For once, Brett Kavanaugh was right when he told a Senate committee he hadn’t yet volunteered to take a lie detector test because “they’re not reliable.”
As Kavanaugh observed, polygraph test results are not legally admissible in federal courts, though a few states still allow them. This is precisely because the results contain so many false positives (suggesting the subject is lying when he’s telling the truth) and so many false negatives (failing to detect actual lies) that overall they are about as trustworthy as a coin toss.
Based on “junk science,” polygraph tests should play no role in determining who’s fit to serve in the federal government. Yet AG Jeff Sessions plans to require National Security Council staff to take polygraphs, to confront the Trump administration’s foremost issue: insiders keep “leaking” embarrassing true facts about behind-the-scenes confusion and paranoia in the White House.

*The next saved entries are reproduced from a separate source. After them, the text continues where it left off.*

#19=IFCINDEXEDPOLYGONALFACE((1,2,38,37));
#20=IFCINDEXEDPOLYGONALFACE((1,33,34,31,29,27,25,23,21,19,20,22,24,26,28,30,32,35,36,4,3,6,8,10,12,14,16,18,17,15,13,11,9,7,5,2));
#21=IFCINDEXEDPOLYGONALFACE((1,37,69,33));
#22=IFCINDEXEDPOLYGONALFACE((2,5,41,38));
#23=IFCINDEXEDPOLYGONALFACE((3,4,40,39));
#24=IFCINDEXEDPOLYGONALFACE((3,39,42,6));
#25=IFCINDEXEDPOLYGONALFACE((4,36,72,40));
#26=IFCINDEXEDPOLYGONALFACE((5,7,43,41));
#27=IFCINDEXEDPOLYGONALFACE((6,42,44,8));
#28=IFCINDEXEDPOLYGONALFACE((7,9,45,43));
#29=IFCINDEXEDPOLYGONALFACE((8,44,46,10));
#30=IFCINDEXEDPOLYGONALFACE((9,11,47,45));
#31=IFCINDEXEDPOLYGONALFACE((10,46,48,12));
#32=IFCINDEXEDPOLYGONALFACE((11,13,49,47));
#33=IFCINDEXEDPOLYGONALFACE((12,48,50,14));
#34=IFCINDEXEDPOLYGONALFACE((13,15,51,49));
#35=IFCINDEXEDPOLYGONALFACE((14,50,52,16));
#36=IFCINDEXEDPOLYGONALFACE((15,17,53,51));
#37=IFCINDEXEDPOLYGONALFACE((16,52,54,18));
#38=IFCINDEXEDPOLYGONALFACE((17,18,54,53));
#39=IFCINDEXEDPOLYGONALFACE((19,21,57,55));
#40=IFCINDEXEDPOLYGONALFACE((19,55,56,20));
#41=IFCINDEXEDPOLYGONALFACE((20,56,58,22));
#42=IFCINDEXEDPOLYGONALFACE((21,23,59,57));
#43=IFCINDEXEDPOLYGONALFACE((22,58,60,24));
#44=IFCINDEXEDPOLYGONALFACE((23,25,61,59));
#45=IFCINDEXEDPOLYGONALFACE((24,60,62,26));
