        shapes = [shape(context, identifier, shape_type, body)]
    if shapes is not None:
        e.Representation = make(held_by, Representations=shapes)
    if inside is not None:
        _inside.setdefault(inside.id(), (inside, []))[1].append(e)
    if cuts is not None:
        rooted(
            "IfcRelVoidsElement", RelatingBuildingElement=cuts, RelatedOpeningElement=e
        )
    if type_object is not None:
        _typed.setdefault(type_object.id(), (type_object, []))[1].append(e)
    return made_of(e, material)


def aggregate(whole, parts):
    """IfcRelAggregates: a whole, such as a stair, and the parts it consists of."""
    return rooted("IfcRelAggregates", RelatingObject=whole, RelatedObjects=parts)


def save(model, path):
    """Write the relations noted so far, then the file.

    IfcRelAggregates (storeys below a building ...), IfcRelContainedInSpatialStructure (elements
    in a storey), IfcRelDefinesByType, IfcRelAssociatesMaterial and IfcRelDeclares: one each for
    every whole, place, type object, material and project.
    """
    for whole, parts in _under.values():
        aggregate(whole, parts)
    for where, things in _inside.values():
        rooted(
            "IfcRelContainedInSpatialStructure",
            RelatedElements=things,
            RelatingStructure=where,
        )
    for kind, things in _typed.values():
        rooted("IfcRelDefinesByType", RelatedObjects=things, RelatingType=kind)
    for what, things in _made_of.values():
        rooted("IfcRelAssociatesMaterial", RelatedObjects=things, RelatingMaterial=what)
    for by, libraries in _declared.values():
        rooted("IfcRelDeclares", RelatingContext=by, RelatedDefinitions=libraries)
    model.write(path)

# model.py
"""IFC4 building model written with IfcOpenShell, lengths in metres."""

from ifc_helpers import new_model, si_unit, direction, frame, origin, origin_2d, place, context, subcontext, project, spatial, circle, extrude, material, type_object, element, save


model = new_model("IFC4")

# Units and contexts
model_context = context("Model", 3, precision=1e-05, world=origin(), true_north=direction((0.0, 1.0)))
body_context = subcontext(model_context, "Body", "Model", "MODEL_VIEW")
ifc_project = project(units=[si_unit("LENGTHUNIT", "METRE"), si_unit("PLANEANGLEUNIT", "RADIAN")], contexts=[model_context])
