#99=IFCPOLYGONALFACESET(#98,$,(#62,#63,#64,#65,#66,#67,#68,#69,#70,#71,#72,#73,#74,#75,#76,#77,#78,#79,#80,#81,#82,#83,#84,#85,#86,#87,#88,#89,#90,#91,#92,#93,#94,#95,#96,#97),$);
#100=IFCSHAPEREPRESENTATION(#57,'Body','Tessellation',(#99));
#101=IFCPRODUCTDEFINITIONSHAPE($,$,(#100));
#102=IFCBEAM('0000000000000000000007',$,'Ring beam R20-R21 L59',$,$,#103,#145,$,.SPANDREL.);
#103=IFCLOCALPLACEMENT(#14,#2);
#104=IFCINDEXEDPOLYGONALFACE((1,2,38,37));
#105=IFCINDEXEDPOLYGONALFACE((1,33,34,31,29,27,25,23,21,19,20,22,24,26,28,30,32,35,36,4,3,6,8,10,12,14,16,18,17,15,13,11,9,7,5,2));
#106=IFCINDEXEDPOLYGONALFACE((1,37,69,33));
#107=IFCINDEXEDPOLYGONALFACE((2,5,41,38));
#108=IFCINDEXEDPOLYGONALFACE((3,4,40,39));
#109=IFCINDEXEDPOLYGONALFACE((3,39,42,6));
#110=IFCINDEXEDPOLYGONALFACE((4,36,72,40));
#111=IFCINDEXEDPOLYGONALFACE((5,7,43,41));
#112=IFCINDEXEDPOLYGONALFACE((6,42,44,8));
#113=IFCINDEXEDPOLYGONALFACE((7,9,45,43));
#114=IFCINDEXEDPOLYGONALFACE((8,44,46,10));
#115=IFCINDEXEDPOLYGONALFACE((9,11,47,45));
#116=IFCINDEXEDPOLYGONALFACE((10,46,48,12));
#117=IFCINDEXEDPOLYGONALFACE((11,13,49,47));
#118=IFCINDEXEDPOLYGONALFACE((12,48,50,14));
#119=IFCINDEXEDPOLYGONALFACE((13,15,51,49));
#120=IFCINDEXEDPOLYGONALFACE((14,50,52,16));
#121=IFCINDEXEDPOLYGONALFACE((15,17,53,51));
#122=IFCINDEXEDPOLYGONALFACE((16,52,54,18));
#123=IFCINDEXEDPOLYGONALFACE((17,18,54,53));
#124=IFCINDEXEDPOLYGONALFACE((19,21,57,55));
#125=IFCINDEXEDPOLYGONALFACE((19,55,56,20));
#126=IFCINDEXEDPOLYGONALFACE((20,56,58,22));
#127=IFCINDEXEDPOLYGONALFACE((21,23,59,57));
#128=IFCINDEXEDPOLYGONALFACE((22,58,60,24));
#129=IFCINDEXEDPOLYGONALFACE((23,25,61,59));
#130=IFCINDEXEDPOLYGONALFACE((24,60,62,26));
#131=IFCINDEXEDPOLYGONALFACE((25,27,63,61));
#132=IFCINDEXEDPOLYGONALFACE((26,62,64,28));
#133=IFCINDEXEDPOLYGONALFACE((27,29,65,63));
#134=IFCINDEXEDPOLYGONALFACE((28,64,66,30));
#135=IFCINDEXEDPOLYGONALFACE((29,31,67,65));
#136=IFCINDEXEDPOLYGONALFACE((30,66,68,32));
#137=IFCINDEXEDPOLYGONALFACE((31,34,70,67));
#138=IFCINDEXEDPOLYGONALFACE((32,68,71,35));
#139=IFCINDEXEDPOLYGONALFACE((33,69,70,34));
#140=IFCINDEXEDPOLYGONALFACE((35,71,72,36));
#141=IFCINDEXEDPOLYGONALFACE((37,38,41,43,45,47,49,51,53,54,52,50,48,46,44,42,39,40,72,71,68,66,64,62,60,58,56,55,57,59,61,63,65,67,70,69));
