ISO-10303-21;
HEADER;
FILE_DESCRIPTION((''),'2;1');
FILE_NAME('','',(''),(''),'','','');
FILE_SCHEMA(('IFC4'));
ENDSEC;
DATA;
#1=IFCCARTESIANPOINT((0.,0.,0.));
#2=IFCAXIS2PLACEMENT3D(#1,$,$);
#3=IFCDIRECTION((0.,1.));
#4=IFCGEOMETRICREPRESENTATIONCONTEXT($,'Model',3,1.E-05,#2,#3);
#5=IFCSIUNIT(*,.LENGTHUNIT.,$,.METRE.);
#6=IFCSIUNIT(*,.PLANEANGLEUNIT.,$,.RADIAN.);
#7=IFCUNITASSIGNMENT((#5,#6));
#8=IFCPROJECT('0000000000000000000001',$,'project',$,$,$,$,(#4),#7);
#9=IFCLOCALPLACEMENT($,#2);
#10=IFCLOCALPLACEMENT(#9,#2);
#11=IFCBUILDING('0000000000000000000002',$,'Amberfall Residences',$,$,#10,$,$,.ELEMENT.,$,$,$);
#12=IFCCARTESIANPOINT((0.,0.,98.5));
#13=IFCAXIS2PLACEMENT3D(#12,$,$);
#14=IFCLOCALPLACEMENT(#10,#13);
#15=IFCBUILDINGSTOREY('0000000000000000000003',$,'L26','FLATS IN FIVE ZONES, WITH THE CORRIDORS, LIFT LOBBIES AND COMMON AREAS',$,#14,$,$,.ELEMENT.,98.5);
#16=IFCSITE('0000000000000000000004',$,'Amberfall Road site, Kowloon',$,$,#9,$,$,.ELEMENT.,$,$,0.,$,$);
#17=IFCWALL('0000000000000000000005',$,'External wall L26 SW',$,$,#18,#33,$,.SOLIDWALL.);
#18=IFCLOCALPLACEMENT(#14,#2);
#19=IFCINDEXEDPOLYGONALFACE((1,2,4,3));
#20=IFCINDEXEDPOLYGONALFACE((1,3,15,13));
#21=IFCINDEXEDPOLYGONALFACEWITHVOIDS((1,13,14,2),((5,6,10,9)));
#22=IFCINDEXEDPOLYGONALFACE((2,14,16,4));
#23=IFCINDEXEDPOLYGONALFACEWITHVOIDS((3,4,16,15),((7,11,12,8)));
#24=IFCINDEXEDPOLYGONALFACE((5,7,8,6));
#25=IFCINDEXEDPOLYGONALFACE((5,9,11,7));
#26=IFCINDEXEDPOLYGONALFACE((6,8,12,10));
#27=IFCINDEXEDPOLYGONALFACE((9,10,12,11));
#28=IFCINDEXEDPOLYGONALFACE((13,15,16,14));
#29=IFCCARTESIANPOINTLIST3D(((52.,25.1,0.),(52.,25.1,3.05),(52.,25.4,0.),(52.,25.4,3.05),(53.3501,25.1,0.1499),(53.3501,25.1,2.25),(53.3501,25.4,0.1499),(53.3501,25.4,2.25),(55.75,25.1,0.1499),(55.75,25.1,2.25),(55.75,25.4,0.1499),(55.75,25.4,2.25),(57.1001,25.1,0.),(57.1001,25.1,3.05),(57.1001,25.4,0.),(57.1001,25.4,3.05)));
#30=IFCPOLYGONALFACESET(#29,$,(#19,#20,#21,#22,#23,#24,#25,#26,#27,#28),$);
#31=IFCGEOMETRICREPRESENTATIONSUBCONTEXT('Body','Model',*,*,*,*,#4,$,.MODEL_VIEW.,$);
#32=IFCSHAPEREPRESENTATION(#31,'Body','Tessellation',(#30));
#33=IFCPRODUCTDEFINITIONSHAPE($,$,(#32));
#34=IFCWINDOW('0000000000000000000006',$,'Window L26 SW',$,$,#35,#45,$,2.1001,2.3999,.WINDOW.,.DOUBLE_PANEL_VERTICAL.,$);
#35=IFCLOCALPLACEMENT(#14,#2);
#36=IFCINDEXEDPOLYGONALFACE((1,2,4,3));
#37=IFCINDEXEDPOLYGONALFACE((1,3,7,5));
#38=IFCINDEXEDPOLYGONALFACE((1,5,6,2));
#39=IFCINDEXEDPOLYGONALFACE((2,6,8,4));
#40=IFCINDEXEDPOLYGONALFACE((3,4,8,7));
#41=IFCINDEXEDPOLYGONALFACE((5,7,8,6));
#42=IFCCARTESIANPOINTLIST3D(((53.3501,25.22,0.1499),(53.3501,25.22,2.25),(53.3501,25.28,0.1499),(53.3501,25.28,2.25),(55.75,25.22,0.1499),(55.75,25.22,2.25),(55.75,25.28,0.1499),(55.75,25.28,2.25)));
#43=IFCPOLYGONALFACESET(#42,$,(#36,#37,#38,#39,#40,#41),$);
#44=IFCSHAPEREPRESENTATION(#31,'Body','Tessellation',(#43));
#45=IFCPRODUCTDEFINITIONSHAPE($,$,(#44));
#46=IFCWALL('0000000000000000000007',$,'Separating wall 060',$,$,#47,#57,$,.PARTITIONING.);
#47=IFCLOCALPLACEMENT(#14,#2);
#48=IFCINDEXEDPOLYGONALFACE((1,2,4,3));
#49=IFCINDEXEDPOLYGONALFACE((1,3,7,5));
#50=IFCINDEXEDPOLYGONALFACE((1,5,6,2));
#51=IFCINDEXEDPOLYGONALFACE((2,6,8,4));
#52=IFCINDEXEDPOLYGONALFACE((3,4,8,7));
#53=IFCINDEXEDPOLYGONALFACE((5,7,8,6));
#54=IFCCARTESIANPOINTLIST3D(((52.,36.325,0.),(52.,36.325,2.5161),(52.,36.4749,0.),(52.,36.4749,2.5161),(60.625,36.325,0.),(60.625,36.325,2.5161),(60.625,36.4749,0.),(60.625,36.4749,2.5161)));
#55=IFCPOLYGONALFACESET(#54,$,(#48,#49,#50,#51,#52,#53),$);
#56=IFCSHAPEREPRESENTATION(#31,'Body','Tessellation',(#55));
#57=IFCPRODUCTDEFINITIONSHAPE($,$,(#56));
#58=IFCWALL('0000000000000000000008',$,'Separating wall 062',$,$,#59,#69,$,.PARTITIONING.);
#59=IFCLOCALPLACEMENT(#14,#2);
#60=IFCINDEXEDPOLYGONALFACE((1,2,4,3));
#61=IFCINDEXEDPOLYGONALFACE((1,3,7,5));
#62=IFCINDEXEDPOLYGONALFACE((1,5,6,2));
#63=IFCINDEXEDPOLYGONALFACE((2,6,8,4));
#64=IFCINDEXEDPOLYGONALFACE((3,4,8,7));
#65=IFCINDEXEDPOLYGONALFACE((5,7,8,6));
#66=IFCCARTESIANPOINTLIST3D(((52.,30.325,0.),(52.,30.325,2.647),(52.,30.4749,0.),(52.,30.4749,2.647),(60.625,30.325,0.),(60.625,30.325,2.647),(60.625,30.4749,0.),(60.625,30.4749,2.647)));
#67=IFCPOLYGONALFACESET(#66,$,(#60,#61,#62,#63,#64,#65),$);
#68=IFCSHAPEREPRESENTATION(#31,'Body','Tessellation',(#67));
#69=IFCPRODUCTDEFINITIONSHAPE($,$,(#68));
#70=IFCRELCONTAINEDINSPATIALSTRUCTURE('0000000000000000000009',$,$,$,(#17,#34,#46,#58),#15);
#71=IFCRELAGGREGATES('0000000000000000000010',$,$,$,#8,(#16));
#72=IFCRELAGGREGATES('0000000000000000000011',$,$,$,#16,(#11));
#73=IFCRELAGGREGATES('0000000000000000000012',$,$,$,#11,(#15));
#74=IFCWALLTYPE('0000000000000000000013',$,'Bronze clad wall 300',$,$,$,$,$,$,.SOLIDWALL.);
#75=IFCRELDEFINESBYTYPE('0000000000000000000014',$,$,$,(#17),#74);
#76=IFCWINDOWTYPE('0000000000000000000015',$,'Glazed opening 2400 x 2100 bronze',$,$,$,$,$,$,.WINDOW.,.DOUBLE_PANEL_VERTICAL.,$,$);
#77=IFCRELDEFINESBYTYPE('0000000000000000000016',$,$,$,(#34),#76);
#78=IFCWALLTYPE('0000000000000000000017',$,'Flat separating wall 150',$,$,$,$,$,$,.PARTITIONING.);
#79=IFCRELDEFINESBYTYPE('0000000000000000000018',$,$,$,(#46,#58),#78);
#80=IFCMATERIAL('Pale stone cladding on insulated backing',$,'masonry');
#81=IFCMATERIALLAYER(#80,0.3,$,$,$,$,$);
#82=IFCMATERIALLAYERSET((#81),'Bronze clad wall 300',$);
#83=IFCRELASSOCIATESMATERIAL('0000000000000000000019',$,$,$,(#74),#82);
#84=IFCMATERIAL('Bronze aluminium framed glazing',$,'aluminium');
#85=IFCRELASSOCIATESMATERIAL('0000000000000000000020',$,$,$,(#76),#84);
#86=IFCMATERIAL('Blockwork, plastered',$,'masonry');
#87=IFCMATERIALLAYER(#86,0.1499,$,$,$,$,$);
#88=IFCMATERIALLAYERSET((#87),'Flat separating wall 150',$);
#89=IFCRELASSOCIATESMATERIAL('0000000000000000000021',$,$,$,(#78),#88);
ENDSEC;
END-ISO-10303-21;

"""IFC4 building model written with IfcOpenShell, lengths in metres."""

from ifc_helpers import new_model, si_unit, direction, frame, frame_2d, origin, place, context, subcontext, project, spatial, rectangle, extrude, material, layer, layer_set, type_object, element, fill, save


model = new_model("IFC4")

# Units and contexts
model_context = context("Model", 3, precision=1e-05, world=origin(), true_north=direction((0.0, 1.0)))
body_context = subcontext(model_context, "Body", "Model", "MODEL_VIEW")
ifc_project = project(units=[si_unit("LENGTHUNIT", "METRE"), si_unit("PLANEANGLEUNIT", "RADIAN")], contexts=[model_context])

# Site, building, storey
site_placement = place(None, origin())
site = spatial("IfcSite", under=ifc_project, at=site_placement, Name="Amberfall Road site, Kowloon", CompositionType="ELEMENT", RefElevation=0.0)
building_placement = place(site_placement, origin())
building = spatial("IfcBuilding", under=site, at=building_placement, Name="Amberfall Residences", CompositionType="ELEMENT")
storey_placement = place(building_placement, frame((0.0, 0.0, 98.5)))
storey = spatial("IfcBuildingStorey", under=building, at=storey_placement, Name="L26", Description="FLATS IN FIVE ZONES, WITH THE CORRIDORS, LIFT LOBBIES AND COMMON AREAS", CompositionType="ELEMENT", Elevation=98.5)

# Wall, opening, window
ifc_material_1 = material(Name="Pale stone cladding on insulated backing", Category="masonry")
ifc_layer_1 = layer(ifc_material_1, 0.3)
ifc_layer_set_1 = layer_set([ifc_layer_1], Name="Bronze clad wall 300")
wall_type_1 = type_object("IfcWallType", Name="Bronze clad wall 300", PredefinedType="SOLIDWALL", material=ifc_layer_set_1)
wall_1_placement = place(storey_placement, frame((52.0, 25.25, 0.0), z_axis=(0.0, 0.0, 1.0), x_axis=(1.0, 0.0, 0.0)))
wall_1 = element("IfcWall", 1, at=wall_1_placement, inside=storey, type_object=wall_type_1, Name="External wall L26 SW", PredefinedType="SOLIDWALL", context=body_context, shape_type="SweptSolid", body=[
    extrude(rectangle(XDim=5.1001, YDim=0.3, at=frame_2d((2.55, 0.0))), origin(), (0.0, 0.0, 1.0), 3.05),
])
opening_placement = place(wall_1_placement, frame((1.3501, 0.0, 0.1499)))
opening = element("IfcOpeningElement", 2, at=opening_placement, cuts=wall_1, PredefinedType="OPENING", context=body_context, shape_type="SweptSolid", body=[
    extrude(rectangle(XDim=2.3999, YDim=2.1001, at=frame_2d((1.2, 1.05))), frame((0.0, 0.1599, 0.0), z_axis=(0.0, -1.0, 0.0), x_axis=(1.0, 0.0, 0.0)), (0.0, 0.0, 1.0), 0.3201),
])
ifc_material_2 = material(Name="Bronze aluminium framed glazing", Category="aluminium")
window_type = type_object("IfcWindowType", Name="Glazed opening 2400 x 2100 bronze", PartitioningType="DOUBLE_PANEL_VERTICAL", PredefinedType="WINDOW", material=ifc_material_2)
window_placement = place(opening_placement, origin())
window = element("IfcWindow", 3, at=window_placement, inside=storey, type_object=window_type, Name="Window L26 SW", OverallHeight=2.1001, OverallWidth=2.3999, PartitioningType="DOUBLE_PANEL_VERTICAL", PredefinedType="WINDOW", context=body_context, shape_type="SweptSolid", body=[
    extrude(rectangle(XDim=2.3999, YDim=2.1001, at=frame_2d((1.2, 1.05))), frame((0.0, 0.03, 0.0), z_axis=(0.0, -1.0, 0.0), x_axis=(1.0, 0.0, 0.0)), (0.0, 0.0, 1.0), 0.0601),
])
fill(opening, window)

# Walls
ifc_material_3 = material(Name="Blockwork, plastered", Category="masonry")
ifc_layer_2 = layer(ifc_material_3, 0.1499)
ifc_layer_set_2 = layer_set([ifc_layer_2], Name="Flat separating wall 150")
wall_type_2 = type_object("IfcWallType", Name="Flat separating wall 150", PredefinedType="PARTITIONING", material=ifc_layer_set_2)
wall_2_placement = place(storey_placement, frame((52.0, 36.3999, 0.0), z_axis=(0.0, 0.0, 1.0), x_axis=(1.0, 0.0, 0.0)))
element("IfcWall", 4, at=wall_2_placement, inside=storey, type_object=wall_type_2, Name="Separating wall 060", PredefinedType="PARTITIONING", context=body_context, shape_type="SweptSolid", body=[
    extrude(rectangle(XDim=8.625, YDim=0.1499, at=frame_2d((4.3125, 0.0))), origin(), (0.0, 0.0, 1.0), 2.5161),
])
wall_3_placement = place(storey_placement, frame((52.0, 30.3999, 0.0), z_axis=(0.0, 0.0, 1.0), x_axis=(1.0, 0.0, 0.0)))
element("IfcWall", 5, at=wall_3_placement, inside=storey, type_object=wall_type_2, Name="Separating wall 062", PredefinedType="PARTITIONING", context=body_context, shape_type="SweptSolid", body=[
    extrude(rectangle(XDim=8.625, YDim=0.1499, at=frame_2d((4.3125, 0.0))), origin(), (0.0, 0.0, 1.0), 2.647),
])

save(model, "model.ifc")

Unfortunately, the very mention of “lie detector” testing lends public credibility to a scientifically discredited practice.
During a polygraph test, a subject is questioned while a machine tracks his blood pressure, pulse, breathing, and skin conductivity (an indirect measure of sweating), all regulated by the autonomic (involuntary) nervous system. Swings in these readings are supposed to reveal deliberate deception — lying.
However, studies over three decades indicate that the tests have an average error rate of over 50 percent. Throughout the history of medical science, no scientific studies have shown that the emotional response linked to lying could be measured. Some people stay remarkably calm under stress, while others show exaggerated responses to the slightest challenge.
One can even purchase instruction on how to “pass” the test; “cramming for the exam,” learning to control reactions using “countermeasures,” is fully legal.
As physician and physicist Alan Zelicoff wrote, “the truth is this: the polygraph is a ruse, carefully constructed as a tool of intimidation, and used as an excuse to conduct an illegal inquisition under psychologically and physically unpleasant circumstances.”
The usual format compares answers to “relevant” questions with those of “control” questions. Control questions are supposed to compensate for the effects of the generally threatening nature of relevant questions. Anyone might grow apprehensive when asked “have you ever molested a child?” even if he’s innocent, especially when a child abuse investigation is underway.” He thinks “I didn’t do anything like that, but what if the machine doesn’t believe me?”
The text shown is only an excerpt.